Le climat politique s’est tendu d’un cran ce mercredi à l’Assemblée nationale. Douze députés du parti Les Démocrates, principale formation de l’opposition, ont officiellement déposé une résolution en vue de la création d’une commission d’enquête parlementaire. Cette initiative, politiquement lourde de sens, vise à faire toute la lumière sur la gestion des fonds publics dans un secteur jugé stratégique pour l’économie nationale.
La démarche des élus de l’opposition intervient à la suite de déclarations jugées troublantes et révélatrices, tenues récemment par un ancien ministre en l’occurrence Paulin Akponna lors d’une visite publique à Parakou. Ce dernier aurait évoqué, à mots à peine voilés, des irrégularités, des détournements ou une mauvaise allocation des ressources, jetant ainsi un pavé dans la mare et suscitant l’indignation dans l’opinion.
Une réaction rapide des députés d’opposition
Fidèles à leur rôle de contre-pouvoir institutionnel, les députés Les Démocrates affirment, dans leur résolution, qu’il est impératif de faire toute la clarté sur la manière dont les ressources publiques ont été gérées dans ce secteur « vital pour la souveraineté nationale et le bien-être des populations ».
Ils estiment qu’au regard des soupçons portés et des accusations indirectes formulées par un ancien membre du gouvernement, le Parlement ne peut rester indifférent, d’autant que les propos en question n’ont pas été démentis officiellement par les autorités concernées. « Cette commission d’enquête n’a pas pour but de nuire à qui que ce soit, mais de restaurer la confiance des citoyens dans les institutions et dans la gestion des deniers publics », a déclaré un député signataire de la résolution, sous couvert d’anonymat.
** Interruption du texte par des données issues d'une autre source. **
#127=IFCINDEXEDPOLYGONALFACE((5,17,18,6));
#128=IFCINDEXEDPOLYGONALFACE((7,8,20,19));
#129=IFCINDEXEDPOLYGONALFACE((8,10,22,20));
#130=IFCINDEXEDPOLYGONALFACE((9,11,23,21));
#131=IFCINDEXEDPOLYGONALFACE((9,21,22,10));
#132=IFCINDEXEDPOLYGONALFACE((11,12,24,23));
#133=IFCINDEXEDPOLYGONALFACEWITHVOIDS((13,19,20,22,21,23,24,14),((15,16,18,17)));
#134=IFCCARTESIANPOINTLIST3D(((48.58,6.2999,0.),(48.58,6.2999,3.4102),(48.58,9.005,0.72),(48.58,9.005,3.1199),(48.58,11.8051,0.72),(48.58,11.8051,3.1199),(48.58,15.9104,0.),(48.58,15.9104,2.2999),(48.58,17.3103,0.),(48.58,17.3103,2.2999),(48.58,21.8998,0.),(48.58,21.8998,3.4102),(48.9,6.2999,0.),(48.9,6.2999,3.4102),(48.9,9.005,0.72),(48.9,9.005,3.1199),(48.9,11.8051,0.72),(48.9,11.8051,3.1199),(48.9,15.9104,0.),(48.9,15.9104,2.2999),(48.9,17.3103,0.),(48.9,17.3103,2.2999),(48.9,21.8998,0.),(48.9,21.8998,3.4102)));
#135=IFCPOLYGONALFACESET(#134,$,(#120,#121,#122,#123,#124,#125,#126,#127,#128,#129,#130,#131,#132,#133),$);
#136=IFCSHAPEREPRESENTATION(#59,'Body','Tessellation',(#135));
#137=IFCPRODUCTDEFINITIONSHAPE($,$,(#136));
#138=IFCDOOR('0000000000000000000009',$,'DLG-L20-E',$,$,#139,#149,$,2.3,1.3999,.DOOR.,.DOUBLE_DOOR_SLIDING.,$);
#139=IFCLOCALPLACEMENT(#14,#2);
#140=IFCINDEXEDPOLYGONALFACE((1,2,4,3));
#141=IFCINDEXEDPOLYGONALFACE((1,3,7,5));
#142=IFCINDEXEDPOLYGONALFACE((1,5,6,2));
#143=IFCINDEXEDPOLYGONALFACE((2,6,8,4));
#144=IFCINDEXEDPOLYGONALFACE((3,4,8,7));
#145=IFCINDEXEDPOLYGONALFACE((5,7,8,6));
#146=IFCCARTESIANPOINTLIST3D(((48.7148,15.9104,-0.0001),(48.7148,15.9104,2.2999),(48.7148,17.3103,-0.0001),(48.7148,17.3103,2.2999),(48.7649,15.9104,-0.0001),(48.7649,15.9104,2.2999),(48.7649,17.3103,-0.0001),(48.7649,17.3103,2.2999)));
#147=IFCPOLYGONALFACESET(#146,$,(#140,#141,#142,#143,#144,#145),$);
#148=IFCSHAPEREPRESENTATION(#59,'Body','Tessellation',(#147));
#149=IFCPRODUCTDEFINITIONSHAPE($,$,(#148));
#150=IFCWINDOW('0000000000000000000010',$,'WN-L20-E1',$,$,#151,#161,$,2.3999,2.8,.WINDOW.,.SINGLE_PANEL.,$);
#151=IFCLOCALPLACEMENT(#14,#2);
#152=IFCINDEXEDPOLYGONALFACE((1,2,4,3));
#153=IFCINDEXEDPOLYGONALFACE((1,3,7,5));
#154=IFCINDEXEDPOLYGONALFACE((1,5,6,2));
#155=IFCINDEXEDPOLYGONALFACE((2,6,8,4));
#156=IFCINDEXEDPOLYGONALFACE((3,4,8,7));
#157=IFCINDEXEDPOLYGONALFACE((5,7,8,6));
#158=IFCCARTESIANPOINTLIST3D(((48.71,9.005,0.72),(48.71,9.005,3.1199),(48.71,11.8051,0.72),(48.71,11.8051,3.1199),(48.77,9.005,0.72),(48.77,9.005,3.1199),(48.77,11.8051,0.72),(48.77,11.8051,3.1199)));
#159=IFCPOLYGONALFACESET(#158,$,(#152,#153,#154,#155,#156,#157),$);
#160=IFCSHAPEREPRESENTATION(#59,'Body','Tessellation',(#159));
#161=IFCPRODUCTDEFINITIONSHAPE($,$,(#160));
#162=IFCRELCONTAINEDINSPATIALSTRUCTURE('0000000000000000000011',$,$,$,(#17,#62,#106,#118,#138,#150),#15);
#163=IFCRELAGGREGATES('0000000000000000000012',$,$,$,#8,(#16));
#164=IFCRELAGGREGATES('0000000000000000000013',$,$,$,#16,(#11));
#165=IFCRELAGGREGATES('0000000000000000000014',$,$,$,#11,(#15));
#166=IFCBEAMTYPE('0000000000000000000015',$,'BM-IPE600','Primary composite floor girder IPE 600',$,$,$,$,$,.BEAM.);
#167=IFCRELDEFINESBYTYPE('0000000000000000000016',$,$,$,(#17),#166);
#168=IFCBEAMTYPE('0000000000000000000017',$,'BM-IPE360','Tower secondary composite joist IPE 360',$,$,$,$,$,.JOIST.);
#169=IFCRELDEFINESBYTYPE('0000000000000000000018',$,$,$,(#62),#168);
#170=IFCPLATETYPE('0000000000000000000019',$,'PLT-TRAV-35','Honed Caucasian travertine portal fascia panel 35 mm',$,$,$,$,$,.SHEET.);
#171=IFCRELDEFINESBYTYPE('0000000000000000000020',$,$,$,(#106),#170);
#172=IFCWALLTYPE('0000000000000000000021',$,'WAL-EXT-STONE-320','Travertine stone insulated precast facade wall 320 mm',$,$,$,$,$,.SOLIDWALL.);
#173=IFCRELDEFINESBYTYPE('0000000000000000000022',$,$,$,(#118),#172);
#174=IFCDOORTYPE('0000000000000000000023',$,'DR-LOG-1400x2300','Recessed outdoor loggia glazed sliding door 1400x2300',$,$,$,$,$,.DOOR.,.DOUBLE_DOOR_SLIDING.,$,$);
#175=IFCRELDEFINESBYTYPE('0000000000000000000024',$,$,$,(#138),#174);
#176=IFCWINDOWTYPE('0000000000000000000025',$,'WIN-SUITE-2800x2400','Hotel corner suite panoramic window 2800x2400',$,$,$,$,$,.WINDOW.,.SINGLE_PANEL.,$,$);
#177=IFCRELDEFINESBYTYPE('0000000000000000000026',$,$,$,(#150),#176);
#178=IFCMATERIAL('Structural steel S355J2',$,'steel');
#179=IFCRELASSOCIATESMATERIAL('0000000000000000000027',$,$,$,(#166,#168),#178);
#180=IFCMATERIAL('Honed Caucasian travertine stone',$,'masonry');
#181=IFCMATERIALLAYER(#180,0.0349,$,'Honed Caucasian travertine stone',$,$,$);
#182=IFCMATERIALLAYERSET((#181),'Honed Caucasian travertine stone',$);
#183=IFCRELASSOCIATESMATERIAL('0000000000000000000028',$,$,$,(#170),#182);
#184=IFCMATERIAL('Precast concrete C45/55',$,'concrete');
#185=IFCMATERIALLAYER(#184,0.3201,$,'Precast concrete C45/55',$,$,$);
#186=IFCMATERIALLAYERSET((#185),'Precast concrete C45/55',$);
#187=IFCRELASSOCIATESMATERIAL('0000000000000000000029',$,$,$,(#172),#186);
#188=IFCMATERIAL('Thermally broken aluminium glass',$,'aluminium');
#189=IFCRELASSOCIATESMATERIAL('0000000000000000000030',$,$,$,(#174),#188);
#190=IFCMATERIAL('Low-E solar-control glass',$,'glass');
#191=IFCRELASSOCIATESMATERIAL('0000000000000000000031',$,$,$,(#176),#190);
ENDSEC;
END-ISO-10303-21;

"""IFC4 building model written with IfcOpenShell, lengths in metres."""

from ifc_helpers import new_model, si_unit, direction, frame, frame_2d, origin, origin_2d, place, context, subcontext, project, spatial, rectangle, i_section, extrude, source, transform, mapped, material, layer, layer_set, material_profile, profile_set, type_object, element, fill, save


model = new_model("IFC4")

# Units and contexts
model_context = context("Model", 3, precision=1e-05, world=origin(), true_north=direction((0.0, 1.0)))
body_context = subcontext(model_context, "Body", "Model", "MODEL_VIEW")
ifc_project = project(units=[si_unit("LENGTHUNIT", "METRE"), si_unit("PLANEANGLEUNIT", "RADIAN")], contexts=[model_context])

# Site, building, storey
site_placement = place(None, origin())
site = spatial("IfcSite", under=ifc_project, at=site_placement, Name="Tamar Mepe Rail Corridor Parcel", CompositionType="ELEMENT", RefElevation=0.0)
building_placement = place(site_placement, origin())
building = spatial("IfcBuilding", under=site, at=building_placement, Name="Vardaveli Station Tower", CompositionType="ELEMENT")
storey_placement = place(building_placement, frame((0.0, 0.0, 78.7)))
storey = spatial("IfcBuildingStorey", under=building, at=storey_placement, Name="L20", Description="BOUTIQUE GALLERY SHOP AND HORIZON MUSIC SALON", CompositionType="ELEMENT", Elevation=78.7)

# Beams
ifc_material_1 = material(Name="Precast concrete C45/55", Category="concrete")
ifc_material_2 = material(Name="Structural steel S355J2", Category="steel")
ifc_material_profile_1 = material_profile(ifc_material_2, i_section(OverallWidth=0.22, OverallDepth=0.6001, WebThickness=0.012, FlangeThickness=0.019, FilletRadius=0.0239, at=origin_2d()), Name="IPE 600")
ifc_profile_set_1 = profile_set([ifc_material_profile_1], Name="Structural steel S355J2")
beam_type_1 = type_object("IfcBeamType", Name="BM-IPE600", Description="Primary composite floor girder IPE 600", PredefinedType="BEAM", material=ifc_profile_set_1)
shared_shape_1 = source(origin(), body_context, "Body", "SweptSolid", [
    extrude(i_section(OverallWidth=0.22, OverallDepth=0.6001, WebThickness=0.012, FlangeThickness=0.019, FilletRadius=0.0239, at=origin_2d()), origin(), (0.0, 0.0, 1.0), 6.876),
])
Une affaire qui embarrasse le pouvoir ?
Si du côté du parti au pouvoir, les réactions restent mesurées, plusieurs sources proches de la majorité jugent cette initiative politiquement motivée, voire instrumentalisée pour créer une tempête médiatique à l’approche des grandes échéances électorales.
Cependant, l’ancien ministre à l’origine de cette tempête verbale, aujourd’hui sans portefeuille, n’a pas cherché à minimiser ses propos. Bien au contraire, selon certains extraits de son discours à Parakou, il aurait laissé entendre que « des milliards sont partis en fumée dans des procédures opaques », suscitant la colère de certains hauts responsables administratifs et la gêne visible de plusieurs cadres du régime.
*Quelle suite institutionnelle ?*
Conformément au règlement intérieur de l’Assemblée nationale, une telle résolution, pour aboutir à la mise en place effective d’une commission d’enquête, devra recevoir l’aval du Bureau de l’Assemblée, puis être soumise à débat et vote en séance plénière. La majorité parlementaire, acquise au pouvoir en place, aura donc la clé du verrou institutionnel. Reste à savoir si elle optera pour l’ouverture et la transparence, ou si elle cherchera à étouffer l’affaire en usant de sa force de frappe numérique.
*Un test de maturité démocratique*
Pour de nombreux observateurs politiques, cette situation constitue un test grandeur nature pour la démocratie béninoise. La demande de commission d’enquête, si elle est débattue sérieusement et sans manœuvres dilatoires, pourrait redonner du crédit à l’institution parlementaire, souvent perçue comme monocolore et inféodée à l’exécutif. Le débat qui s’annonce à l’Assemblée sera suivi de près par la société civile, les médias, les partenaires internationaux du Bénin et, surtout, par une population de plus en plus exigeante sur la transparence dans la gestion des affaires publiques.
En réclamant la mise en place d’une commission d’enquête sur la gestion des fonds publics dans un secteur stratégique, Les Démocrates entendent voir clair dans le dossier, étant donné qu’il s’agit des fonds publics et surtout des révélations faites par un ministre du gouvernement, limogé au lendemain de ses déclarations. La balle est désormais dans le camp du Parlement, sommé de prouver son indépendance ou de confirmer les critiques récurrentes sur sa docilité. L’opinion, elle, attend des réponses, pas des silences gênés.